En application de l’article 700 du code de procédure civile, le juge condamne la partie tenue aux dépens ou qui perd son procès à payer à l’autre partie la somme qu’il détermine, au titre des frais exposés et non compris dans les dépens. Dans tous les cas, le juge tient compte de l’équité ou de la situation économique de la partie condamnée. Il peut, même d’office, pour des raisons tirées des mêmes considérations, dire qu’il n’y a pas lieu à ces condamnations.

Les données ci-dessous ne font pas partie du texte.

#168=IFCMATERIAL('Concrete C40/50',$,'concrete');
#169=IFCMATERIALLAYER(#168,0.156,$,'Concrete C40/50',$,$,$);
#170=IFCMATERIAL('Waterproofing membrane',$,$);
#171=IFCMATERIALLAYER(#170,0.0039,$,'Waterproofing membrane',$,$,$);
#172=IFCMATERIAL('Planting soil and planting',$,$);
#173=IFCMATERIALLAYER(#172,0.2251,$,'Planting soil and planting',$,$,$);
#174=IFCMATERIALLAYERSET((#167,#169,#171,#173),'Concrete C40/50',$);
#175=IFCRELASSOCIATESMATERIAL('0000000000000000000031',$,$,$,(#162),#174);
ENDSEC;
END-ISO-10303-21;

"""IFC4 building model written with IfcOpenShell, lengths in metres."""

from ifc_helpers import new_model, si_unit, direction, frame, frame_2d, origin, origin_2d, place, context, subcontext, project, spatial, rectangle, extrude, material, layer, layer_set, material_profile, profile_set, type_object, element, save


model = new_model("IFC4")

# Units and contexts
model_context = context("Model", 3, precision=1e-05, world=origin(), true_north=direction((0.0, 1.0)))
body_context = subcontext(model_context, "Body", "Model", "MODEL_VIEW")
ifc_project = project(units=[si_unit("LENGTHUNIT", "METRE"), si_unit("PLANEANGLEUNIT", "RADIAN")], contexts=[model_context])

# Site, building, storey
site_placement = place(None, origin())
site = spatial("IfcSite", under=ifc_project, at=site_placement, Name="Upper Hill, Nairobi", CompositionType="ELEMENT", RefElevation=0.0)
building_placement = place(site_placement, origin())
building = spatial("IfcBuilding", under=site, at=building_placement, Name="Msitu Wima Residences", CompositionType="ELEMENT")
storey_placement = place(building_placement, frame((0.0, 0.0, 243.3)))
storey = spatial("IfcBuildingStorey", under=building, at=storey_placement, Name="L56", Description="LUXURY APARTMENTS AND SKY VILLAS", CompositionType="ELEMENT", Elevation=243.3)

En équité, il n’y a pas lieu en l’espèce la condamnation de ce chef.
PAR CES MOTIFS,
LA COUR,
Statuant publiquement, par arrêt mis à disposition greffe, contradictoire et en dernier ressort,
Confirme l’ordonnance de référé du tribunal d’instance de Bordeaux en date du 21 novembre 2019,
Vu l’évolution du litige et statuant à nouveau sur la créance de la Sa Clairsienne au titre du bail d’habitation,
Condamne M. Z X à payer à la Sa Clairsienne la somme provisionnelle de 788,04 euros arrêtée au 10 juillet 2020, échéance de juin 2020 incluse,
Vu la décision du juge du contentieux de la proximité de Bordeaux du 10 septembre 2020 renvoyant le dossier à la commission de surendettement des particuliers de la Gironde au profit de M. Z X,
Constate la reprise du paiement du loyer courant par M. Z X,
Autorise M. Z X à s’acquitter de sa dette locative en 15 pactes mensuels de 50 euros, le solde payable le 16 ème mois, dans l’attente de la décision de la commission de surendettement des particuliers de la Gironde,
Ordonne en conséquence la suspension des effets de la clause résolutoire pendant les délais accordés,
Dit que si le moratoire est respecté, la clause résolutoire sera réputée n’avoir jamais joué,
Dit qu’en cas de non versement du loyer courant et des charges conformément au contrat de location, et au moratoire, la clause de résiliation de plein droit reprendra plein effet emportant la résiliation du bail,
Condamne dans ce cas M. Z X à quitter les lieux loués situés résidence […],
Dit qu’à défaut pour lui de libérer volontairement les lieux, il sera procédé à son expulsion et à celle de tous occupants de son chef, avec si nécessaire le concours et l’assistance de la force publique deux mois après la délivrance d’un commandement de quitter les lieux conformément aux dispositions des articles L411-1 et L412-1 du code des procédures civiles d’exécution,
Confirme le jugement déféré pour le surplus,
Y ajoutant,
Dit que les indemnités d’occupation porteront intérêts au taux légal au fur et à mesure de chaque échéance,
Dit n’y avoir lieu à indemnités sur le fondement de l’article 700 du code de procédure civile,
Condamne M. Z X aux dépens d’appel et le coût de la dénonciation au préfet de l’assignation,
Déboute la Sa Clairsienne de sa demande de condamnation de M. Z X au coût de la contribution à l’aide juridique.
Le présent arrêt a été signé par Monsieur Roland POTEE, président, et par Madame Véronique SAIGE, greffier, auquel la minute de la décision a été remise par le magistrat signataire.